🤖 AI Summary
This work addresses the degradation in accuracy and coherence commonly observed in large language models when handling long-context tasks, a challenge exacerbated by exposure bias, sparse rewards, and the difficulty of directly optimizing arbitrary reward signals. To overcome these limitations, the authors propose dGRPO, a novel approach that unifies Group Relative Policy Optimization (GRPO) with Online Policy Distillation (OPD) from a stronger teacher model into a single objective, enabling synergistic outcome-driven policy optimization and knowledge transfer. The study also introduces LongBlocks, a synthetic dataset designed to support multi-hop reasoning and evaluation of long-form text generation. Experimental results demonstrate that dGRPO substantially outperforms baseline methods such as supervised fine-tuning and vanilla GRPO, achieving significant gains in long-context performance while preserving short-context capabilities, thereby establishing an efficient and stable new paradigm for long-context alignment.
📝 Abstract
Adapting large language models (LLMs) to long-context tasks requires post-training methods that remain accurate and coherent over thousands of tokens.

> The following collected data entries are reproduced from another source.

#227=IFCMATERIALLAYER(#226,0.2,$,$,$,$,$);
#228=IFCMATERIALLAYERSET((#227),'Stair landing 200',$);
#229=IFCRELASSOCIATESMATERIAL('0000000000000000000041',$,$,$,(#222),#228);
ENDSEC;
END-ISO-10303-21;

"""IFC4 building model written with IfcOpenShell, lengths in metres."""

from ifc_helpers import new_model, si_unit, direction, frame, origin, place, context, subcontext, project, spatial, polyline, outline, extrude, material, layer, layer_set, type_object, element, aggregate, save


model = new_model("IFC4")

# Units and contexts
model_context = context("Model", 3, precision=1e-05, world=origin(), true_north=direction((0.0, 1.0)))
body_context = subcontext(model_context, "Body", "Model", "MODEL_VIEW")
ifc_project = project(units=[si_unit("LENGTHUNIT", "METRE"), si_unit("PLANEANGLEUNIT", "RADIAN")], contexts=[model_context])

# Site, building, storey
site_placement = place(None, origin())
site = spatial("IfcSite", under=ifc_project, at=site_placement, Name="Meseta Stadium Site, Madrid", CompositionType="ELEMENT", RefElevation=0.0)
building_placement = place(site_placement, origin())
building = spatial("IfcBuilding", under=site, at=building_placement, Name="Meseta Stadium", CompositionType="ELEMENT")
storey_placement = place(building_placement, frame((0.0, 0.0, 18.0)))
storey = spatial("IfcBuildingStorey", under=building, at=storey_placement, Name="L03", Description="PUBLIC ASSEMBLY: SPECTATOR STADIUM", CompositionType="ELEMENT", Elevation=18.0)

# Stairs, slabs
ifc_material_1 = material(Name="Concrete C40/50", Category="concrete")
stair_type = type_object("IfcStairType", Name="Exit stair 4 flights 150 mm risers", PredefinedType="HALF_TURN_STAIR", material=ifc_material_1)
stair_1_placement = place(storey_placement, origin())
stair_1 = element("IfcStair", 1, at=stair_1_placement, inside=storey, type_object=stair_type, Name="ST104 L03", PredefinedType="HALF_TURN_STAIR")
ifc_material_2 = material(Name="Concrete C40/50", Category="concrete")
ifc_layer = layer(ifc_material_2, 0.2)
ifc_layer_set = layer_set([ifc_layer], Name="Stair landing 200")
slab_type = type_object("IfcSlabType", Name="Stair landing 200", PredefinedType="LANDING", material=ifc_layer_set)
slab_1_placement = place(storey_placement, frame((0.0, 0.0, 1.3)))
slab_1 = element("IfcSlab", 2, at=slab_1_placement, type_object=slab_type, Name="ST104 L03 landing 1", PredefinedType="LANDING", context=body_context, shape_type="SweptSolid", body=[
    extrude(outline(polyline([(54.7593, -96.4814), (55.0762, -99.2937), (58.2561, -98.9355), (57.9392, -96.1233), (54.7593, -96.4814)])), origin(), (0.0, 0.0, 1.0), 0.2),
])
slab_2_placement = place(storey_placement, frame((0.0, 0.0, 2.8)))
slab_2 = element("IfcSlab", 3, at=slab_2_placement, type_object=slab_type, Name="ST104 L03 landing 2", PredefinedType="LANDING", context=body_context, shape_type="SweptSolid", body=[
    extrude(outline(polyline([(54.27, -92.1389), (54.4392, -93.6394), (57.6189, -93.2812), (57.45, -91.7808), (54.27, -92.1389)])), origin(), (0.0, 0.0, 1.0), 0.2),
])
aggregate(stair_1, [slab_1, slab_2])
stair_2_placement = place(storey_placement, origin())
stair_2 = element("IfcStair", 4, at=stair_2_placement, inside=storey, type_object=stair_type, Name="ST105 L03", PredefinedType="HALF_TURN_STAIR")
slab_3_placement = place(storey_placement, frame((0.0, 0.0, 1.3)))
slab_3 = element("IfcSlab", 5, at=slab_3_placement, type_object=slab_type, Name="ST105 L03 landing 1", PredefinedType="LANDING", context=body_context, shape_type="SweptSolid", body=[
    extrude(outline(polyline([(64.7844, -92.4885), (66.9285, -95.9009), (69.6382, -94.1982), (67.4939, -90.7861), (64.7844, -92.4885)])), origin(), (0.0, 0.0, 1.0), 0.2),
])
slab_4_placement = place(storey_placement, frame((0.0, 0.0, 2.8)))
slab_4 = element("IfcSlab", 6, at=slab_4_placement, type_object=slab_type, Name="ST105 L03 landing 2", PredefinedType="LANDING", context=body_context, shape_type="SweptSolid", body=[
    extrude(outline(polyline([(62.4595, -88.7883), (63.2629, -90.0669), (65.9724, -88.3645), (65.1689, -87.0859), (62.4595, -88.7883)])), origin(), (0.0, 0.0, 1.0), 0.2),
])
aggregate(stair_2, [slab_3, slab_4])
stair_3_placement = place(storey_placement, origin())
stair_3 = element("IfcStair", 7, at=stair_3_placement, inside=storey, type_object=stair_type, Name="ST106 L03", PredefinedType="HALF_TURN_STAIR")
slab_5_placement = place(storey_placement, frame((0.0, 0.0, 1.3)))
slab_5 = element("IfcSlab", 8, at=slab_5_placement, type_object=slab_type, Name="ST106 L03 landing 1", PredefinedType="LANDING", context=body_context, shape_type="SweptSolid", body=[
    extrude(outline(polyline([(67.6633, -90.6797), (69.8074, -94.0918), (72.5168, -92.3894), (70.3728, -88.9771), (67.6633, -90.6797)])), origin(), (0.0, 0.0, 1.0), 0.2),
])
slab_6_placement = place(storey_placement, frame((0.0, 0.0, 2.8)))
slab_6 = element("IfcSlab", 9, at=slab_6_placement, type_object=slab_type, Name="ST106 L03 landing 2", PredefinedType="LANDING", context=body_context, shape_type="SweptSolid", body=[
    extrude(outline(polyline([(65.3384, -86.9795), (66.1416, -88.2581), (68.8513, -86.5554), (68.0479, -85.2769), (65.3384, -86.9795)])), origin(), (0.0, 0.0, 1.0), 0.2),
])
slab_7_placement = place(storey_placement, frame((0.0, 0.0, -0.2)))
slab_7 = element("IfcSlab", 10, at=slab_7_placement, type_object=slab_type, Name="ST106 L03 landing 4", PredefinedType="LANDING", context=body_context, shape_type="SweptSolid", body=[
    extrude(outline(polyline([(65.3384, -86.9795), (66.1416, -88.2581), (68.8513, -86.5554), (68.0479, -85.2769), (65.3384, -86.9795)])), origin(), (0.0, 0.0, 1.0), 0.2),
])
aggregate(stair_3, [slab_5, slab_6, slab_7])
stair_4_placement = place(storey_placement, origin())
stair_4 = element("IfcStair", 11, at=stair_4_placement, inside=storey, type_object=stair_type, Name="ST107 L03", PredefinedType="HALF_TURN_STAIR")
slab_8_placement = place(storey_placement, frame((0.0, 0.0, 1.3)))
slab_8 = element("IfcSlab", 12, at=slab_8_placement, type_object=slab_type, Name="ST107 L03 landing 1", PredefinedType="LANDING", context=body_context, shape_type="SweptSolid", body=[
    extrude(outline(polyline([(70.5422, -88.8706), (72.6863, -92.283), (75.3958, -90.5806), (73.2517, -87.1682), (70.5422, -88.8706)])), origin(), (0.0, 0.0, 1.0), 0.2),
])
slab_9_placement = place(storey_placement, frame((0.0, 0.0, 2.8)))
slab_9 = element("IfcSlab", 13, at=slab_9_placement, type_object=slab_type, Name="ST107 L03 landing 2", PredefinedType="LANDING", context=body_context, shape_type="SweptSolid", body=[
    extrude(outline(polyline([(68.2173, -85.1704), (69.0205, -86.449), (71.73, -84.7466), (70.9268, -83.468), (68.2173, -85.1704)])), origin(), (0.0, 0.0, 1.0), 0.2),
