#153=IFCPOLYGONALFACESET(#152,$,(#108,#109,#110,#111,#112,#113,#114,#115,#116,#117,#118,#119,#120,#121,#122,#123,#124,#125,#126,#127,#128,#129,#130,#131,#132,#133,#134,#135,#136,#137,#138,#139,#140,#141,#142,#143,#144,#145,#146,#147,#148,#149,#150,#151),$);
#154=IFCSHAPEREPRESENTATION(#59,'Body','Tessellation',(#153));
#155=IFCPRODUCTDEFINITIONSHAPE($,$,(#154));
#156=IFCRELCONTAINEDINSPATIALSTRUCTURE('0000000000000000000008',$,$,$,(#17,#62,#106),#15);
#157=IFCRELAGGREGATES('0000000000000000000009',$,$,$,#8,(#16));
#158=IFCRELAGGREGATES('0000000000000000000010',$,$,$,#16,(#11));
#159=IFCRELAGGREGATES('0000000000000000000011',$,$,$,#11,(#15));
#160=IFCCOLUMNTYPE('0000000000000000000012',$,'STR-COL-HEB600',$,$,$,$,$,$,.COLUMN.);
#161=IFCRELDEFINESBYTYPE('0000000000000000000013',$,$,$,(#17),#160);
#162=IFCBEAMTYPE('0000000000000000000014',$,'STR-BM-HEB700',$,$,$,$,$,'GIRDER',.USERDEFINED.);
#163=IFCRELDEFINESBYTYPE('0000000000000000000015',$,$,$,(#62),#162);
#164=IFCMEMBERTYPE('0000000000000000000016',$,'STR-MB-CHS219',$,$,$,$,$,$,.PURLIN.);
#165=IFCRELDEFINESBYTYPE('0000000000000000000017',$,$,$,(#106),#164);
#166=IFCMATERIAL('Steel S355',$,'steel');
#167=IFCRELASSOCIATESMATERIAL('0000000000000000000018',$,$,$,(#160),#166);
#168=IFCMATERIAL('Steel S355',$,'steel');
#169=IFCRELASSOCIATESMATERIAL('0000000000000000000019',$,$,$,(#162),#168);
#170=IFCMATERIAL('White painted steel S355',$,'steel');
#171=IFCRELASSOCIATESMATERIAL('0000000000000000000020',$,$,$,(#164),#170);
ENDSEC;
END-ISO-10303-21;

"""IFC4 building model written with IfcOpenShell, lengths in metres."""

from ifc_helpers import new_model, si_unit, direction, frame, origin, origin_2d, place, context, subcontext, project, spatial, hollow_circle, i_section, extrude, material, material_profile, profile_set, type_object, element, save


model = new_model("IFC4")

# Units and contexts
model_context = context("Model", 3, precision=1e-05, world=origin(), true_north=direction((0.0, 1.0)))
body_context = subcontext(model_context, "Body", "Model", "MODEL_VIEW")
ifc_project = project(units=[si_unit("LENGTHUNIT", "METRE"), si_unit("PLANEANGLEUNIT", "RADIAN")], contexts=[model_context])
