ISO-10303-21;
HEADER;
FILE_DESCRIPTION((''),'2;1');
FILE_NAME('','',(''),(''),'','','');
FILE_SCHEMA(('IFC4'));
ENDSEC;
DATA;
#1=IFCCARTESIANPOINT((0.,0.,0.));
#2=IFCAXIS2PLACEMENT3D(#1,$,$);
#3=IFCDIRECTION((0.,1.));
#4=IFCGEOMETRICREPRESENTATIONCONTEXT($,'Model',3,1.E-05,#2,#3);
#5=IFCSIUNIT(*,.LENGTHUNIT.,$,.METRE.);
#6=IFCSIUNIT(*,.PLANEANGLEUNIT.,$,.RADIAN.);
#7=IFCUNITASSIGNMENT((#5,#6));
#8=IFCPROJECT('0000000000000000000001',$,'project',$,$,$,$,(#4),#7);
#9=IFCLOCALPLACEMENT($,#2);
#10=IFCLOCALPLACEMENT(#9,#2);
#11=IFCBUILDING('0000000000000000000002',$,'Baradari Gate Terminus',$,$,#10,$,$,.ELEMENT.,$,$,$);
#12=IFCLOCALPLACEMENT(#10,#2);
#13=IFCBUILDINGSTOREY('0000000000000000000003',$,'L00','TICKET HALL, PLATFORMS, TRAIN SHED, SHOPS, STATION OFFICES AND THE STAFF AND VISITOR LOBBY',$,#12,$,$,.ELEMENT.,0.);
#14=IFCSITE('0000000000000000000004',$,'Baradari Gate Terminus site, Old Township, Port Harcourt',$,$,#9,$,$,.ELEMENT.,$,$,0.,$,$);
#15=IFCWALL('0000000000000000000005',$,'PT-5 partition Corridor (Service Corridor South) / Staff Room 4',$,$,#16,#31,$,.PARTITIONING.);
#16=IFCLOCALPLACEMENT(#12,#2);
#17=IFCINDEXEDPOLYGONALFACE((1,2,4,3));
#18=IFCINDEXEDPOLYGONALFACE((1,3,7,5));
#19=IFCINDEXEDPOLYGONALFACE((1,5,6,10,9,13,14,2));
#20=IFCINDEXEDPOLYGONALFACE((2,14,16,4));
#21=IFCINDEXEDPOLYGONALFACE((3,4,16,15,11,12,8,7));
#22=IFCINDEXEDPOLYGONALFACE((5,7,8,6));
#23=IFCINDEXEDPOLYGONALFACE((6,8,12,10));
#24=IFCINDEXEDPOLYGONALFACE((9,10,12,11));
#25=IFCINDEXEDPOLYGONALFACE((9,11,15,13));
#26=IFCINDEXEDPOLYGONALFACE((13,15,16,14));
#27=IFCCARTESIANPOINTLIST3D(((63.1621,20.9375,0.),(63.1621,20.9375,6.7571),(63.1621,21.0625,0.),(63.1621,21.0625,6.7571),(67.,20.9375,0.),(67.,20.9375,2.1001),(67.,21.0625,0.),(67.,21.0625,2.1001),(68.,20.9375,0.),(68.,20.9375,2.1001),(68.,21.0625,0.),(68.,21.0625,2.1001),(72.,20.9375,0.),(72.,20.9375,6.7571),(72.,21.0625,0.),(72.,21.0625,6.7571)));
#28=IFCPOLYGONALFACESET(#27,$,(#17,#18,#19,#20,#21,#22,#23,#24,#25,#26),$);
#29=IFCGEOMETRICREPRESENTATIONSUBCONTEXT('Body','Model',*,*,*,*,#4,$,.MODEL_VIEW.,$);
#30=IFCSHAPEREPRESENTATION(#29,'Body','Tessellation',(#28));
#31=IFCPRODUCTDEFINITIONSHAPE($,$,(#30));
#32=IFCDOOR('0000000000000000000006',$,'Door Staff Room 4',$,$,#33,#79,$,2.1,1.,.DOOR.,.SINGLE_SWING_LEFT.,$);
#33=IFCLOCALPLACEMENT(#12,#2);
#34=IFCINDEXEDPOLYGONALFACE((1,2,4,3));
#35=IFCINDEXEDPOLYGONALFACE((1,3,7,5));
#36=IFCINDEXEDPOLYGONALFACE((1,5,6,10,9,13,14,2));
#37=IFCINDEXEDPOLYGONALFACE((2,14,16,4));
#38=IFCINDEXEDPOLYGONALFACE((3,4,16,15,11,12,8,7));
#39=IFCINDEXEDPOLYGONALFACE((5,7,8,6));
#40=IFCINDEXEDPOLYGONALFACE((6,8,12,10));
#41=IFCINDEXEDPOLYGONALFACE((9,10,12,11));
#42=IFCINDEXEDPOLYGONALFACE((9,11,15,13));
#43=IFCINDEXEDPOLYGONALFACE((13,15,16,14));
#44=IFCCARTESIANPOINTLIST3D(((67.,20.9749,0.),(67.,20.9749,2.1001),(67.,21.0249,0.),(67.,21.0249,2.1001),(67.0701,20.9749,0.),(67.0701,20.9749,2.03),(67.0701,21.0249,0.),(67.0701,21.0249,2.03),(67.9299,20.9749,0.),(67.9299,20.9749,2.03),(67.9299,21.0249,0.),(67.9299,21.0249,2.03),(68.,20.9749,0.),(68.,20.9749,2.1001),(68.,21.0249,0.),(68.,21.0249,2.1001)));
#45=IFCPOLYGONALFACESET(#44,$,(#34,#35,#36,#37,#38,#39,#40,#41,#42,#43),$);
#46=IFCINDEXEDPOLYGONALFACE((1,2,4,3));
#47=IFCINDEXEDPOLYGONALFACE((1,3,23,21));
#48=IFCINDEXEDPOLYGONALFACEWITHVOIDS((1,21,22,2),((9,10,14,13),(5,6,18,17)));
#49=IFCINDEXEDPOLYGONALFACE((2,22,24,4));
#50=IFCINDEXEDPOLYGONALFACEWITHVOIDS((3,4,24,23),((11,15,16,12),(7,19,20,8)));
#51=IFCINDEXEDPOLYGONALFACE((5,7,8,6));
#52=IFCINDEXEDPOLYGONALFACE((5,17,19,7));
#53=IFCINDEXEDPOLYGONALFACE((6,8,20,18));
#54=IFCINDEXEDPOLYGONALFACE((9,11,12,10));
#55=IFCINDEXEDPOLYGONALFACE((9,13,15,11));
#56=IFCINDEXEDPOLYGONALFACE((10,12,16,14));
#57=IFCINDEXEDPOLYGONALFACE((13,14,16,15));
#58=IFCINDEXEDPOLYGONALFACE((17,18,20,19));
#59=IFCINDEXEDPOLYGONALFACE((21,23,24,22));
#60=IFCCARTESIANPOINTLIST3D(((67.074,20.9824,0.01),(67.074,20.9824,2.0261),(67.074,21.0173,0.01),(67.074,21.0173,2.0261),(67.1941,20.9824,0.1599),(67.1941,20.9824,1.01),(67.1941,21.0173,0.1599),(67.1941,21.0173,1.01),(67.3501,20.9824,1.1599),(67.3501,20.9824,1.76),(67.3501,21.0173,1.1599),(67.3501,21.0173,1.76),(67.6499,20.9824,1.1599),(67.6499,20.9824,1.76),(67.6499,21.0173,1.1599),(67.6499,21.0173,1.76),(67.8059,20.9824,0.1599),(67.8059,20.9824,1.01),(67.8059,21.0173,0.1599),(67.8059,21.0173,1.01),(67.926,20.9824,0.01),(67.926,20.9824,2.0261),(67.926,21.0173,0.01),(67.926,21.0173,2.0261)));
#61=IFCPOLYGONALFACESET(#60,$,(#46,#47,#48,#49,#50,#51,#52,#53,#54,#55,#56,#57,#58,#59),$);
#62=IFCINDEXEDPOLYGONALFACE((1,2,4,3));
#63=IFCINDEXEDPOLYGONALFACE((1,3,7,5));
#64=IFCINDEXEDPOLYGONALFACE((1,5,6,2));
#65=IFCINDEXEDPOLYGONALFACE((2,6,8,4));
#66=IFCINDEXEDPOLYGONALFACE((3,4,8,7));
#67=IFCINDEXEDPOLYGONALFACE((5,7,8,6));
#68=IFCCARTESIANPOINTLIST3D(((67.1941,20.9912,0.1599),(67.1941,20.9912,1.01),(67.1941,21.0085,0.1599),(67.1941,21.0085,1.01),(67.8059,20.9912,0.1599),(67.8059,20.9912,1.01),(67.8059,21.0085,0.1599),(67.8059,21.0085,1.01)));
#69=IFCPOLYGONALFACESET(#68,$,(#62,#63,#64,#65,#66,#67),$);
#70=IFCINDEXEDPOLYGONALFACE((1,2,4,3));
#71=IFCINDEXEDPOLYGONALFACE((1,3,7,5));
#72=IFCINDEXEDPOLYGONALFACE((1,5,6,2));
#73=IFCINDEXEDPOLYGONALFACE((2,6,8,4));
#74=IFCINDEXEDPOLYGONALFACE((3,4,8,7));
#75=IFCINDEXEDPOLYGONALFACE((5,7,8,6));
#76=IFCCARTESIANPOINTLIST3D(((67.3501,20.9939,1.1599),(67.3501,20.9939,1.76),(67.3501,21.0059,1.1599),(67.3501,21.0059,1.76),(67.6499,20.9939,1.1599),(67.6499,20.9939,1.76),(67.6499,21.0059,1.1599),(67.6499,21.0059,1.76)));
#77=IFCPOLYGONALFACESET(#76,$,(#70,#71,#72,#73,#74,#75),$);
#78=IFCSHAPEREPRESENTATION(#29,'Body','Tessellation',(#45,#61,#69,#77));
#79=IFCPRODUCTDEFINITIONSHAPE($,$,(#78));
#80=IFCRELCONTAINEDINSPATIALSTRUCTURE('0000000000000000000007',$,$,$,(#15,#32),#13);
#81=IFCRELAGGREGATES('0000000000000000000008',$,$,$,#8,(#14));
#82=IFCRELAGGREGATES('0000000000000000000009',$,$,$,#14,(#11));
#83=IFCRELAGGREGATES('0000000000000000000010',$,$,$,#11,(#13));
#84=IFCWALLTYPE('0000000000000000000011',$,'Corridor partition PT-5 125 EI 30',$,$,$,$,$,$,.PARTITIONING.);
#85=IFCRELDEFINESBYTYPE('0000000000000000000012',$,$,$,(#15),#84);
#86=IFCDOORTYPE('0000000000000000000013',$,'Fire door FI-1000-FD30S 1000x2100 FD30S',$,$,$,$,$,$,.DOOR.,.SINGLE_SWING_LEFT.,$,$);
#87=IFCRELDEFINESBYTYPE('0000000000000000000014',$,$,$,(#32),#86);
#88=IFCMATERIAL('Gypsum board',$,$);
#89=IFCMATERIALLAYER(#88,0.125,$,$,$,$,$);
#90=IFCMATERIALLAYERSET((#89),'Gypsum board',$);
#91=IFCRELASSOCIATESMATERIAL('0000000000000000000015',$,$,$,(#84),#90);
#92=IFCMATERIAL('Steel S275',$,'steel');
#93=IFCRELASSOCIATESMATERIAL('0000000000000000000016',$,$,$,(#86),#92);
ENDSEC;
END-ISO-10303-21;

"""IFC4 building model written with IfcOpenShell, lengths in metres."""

from ifc_helpers import new_model, si_unit, direction, frame, frame_2d, origin, place, context, subcontext, project, spatial, polyline, rectangle, outline, extrude, material, layer, layer_set, type_object, element, fill, save


model = new_model("IFC4")

# Units and contexts
model_context = context("Model", 3, precision=1e-05, world=origin(), true_north=direction((0.0, 1.0)))
body_context = subcontext(model_context, "Body", "Model", "MODEL_VIEW")
ifc_project = project(units=[si_unit("LENGTHUNIT", "METRE"), si_unit("PLANEANGLEUNIT", "RADIAN")], contexts=[model_context])

# Site, building, storey
site_placement = place(None, origin())
site = spatial("IfcSite", under=ifc_project, at=site_placement, Name="Baradari Gate Terminus site, Old Township, Port Harcourt", CompositionType="ELEMENT", RefElevation=0.0)
building_placement = place(site_placement, origin())
building = spatial("IfcBuilding", under=site, at=building_placement, Name="Baradari Gate Terminus", CompositionType="ELEMENT")
storey_placement = place(building_placement, origin())
storey = spatial("IfcBuildingStorey", under=building, at=storey_placement, Name="L00", Description="TICKET HALL, PLATFORMS, TRAIN SHED, SHOPS, STATION OFFICES AND THE STAFF AND VISITOR LOBBY", CompositionType="ELEMENT", Elevation=0.0)

# Wall, opening, door
ifc_material_1 = material(Name="Gypsum board")
ifc_layer_1 = layer(ifc_material_1, 0.125)
ifc_layer_set_1 = layer_set([ifc_layer_1], Name="Gypsum board")
wall_type_1 = type_object("IfcWallType", Name="Corridor partition PT-5 125 EI 30", PredefinedType="PARTITIONING", material=ifc_layer_set_1)
wall_1_placement = place(storey_placement, frame((63.1621, 21.0, 0.0), z_axis=(0.0, 0.0, 1.0), x_axis=(1.0, 0.0, 0.0)))
wall_1 = element("IfcWall", 1, at=wall_1_placement, inside=storey, type_object=wall_type_1, Name="PT-5 partition Corridor (Service Corridor South) / Staff Room 4", PredefinedType="PARTITIONING", context=body_context, shape_type="SweptSolid", body=[
    extrude(rectangle(XDim=8.8379, YDim=0.125, at=frame_2d((4.4189, 0.0))), origin(), (0.0, 0.0, 1.0), 6.7571),
])
opening_1_placement = place(wall_1_placement, frame((3.8379, 0.0, 0.0)))
opening_1 = element("IfcOpeningElement", 2, at=opening_1_placement, cuts=wall_1, PredefinedType="OPENING", context=body_context, shape_type="SweptSolid", body=[
    extrude(rectangle(XDim=1.0, YDim=2.1001, at=frame_2d((0.5, 1.05))), frame((0.0, 0.0725, 0.0), z_axis=(0.0, -1.0, 0.0), x_axis=(1.0, 0.0, 0.0)), (0.0, 0.0, 1.0), 0.145),
])
ifc_material_2 = material(Name="Steel S275", Category="steel")
door_type = type_object("IfcDoorType", Name="Fire door FI-1000-FD30S 1000x2100 FD30S", OperationType="SINGLE_SWING_LEFT", PredefinedType="DOOR", material=ifc_material_2)
door_placement = place(opening_1_placement, origin())
door = element("IfcDoor", 3, at=door_placement, inside=storey, type_object=door_type, Name="Door Staff Room 4", OperationType="SINGLE_SWING_LEFT", OverallHeight=2.1, OverallWidth=1.0, PredefinedType="DOOR", context=body_context, shape_type="SweptSolid", body=[
    extrude(outline(polyline([(0.0, 0.0), (0.0701, 0.0), (0.0701, 2.03), (0.9299, 2.03), (0.9299, 0.0), (1.0, 0.0), (1.0, 2.1001), (0.0, 2.1001), (0.0, 0.0)])), frame((0.0, 0.0249, 0.0), z_axis=(0.0, -1.0, 0.0), x_axis=(1.0, 0.0, 0.0)), (0.0, 0.0, 1.0), 0.05),
    extrude(outline(polyline([(0.074, 0.01), (0.926, 0.01), (0.926, 2.0261), (0.074, 2.0261), (0.074, 0.01)]), holes=[polyline([(0.1941, 0.1599), (0.8059, 0.1599), (0.8059, 1.01), (0.1941, 1.01), (0.1941, 0.1599)]), polyline([(0.3501, 1.1599), (0.6499, 1.1599), (0.6499, 1.76), (0.3501, 1.76), (0.3501, 1.1599)])]), frame((0.0, 0.0173, 0.0), z_axis=(0.0, -1.0, 0.0), x_axis=(1.0, 0.0, 0.0)), (0.0, 0.0, 1.0), 0.0349),
    extrude(rectangle(XDim=0.6118, YDim=0.8501, at=frame_2d((0.5, 0.585))), frame((0.0, 0.0085, 0.0), z_axis=(0.0, -1.0, 0.0), x_axis=(1.0, 0.0, 0.0)), (0.0, 0.0, 1.0), 0.0173),
    extrude(rectangle(XDim=0.2998, YDim=0.6001, at=frame_2d((0.5, 1.46))), frame((0.0, 0.0059, 0.0), z_axis=(0.0, -1.0, 0.0), x_axis=(1.0, 0.0, 0.0)), (0.0, 0.0, 1.0), 0.012),
])
fill(opening_1, door)

save(model, "model.ifc")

Existing approaches are limited in several ways: 1) off-policy methods such as supervised fine-tuning (SFT) and knowledge distillation (KD) suffer from exposure bias and limited recovery from model-generated errors over long horizons; 2) on-policy reinforcement learning methods such as Group Relative Policy Optimization (GRPO) better align training with model-generated states, but are unstable and sample-inefficient due to sparse rewards; 3) on-policy distillation (OPD) provides dense token-level guidance, but does not directly optimize arbitrary reward signals. In this paper, we propose Distilled Group Relative Policy Optimization (dGRPO), a method for long-context reasoning that augments GRPO with dense guidance from a stronger teacher via OPD. We also introduce LongBlocks, a synthetic long-context dataset spanning multi-hop reasoning, contextual grounding, and long-form generation. We conduct extensive experiments and ablations comparing off-policy training, sparse-reward GRPO, and our combined approach, leading to an improved recipe for long-context alignment. Overall, our results show that combining outcome-based policy optimization with knowledge distillation in a single objective provides a more stable and effective path to long-context reasoning, while preserving short-context capabilities.